Now if Burke dominates in the old elite circles of the Republican Party, Ayn Rand’s selfish rationalism is the guiding light for the thinking grassroots activists now flooding the party. The libertarians who favor her opposed the individual mandate as unconstitutional in 1993 when it was first proposed, and they’ve hardly changed their tune. They’ve gained more strength in a political environment with a pragmatic Democrat president eager to compromise. President Obama’s proposals appeal to Burkean conservatives who don’t have a knee-jerk negative reaction to any government action. The fact that the ACA’s gradualism appealed to Burkean conservatives and its deficit neutrality appealed to fiscal conservatives is not enough to counter intra-party inertia toward libertarianism, the most effective ground from which to attack the president they so direly want to defeat.
Of course, much of the Tea Party’s death panel and socialism rhetoric and similar statements not worth repeating have been thoroughly refuted in many forums, but I’d like to shine light on a more substantive libertarian argument: that the ACA limits our freedom.

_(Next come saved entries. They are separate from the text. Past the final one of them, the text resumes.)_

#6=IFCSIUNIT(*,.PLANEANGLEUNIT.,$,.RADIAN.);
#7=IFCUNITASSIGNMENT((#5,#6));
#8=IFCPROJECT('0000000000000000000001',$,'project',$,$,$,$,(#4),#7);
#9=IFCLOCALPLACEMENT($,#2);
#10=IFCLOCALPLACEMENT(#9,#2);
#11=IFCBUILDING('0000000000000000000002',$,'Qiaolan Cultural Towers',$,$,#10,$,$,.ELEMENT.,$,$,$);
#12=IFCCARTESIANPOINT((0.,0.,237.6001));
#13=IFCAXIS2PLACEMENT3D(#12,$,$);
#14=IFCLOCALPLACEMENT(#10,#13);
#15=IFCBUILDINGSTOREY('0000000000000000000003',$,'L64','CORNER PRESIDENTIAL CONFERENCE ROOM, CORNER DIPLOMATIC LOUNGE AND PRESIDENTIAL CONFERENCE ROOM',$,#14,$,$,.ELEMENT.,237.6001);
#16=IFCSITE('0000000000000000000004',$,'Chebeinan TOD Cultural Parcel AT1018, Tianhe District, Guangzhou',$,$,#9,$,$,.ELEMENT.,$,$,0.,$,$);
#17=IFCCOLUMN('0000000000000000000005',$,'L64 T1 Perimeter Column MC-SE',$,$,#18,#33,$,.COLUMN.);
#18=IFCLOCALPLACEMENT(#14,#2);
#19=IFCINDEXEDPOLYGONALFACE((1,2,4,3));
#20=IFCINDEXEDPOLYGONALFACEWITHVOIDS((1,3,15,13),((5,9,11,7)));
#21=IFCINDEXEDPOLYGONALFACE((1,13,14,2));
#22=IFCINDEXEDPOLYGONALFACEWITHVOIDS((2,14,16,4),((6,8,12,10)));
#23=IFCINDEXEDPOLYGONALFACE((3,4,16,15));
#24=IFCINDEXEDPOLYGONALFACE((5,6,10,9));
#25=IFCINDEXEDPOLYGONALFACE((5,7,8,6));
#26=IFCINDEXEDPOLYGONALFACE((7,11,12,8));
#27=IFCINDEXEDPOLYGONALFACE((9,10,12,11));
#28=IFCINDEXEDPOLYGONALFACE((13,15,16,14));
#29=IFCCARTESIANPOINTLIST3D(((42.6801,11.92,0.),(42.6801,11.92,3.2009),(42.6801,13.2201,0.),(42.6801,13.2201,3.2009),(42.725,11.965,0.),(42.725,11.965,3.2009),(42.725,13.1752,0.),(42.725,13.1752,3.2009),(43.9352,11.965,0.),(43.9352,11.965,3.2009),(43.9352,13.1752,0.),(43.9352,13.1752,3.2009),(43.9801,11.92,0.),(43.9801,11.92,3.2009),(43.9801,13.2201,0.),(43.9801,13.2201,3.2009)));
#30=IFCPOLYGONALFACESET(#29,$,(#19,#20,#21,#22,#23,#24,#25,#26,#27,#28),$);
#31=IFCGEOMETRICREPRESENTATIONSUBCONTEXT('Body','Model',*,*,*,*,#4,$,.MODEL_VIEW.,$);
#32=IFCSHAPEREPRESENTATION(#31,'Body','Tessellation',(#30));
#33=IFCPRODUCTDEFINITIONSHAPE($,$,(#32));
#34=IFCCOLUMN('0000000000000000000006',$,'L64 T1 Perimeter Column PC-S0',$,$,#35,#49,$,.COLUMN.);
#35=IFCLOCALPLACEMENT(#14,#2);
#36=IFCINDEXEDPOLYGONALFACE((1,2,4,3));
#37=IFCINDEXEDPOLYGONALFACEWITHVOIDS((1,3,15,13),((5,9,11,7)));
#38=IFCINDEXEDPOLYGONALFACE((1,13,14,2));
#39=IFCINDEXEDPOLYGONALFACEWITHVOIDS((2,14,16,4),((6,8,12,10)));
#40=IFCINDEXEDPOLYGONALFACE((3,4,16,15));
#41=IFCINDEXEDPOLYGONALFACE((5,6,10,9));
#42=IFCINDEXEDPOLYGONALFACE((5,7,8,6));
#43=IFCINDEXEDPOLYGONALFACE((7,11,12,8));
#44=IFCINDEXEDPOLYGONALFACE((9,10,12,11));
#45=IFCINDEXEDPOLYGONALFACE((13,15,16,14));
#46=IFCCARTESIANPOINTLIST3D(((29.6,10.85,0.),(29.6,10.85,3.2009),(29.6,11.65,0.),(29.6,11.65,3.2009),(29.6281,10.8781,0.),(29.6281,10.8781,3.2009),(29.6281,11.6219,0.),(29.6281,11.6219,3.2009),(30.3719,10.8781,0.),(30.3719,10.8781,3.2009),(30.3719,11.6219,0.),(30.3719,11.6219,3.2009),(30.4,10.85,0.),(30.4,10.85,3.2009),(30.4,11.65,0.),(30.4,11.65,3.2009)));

Hong Kong, the top nation on the Heritage Foundation’s Economic Freedom Index, might be the best counter-argument. Its healthcare system is primarily publicly funded, very efficient, and hardly interferes with the laudable low-regulation libertarian policies that have made it a beacon of prosperity in Asia.
The next nine nations on Heritage’s list are Singapore (government-run universal healthcare), Australia (free universal healthcare), New Zealand (mixed public-private system), Switzerland (individual mandate), Canada (single-payer system), Chile, Mauritius, Ireland (two-tiered public-private system), and the United States (individual mandate by 2014).
How can economically freer nations than the US also be more “socialist?”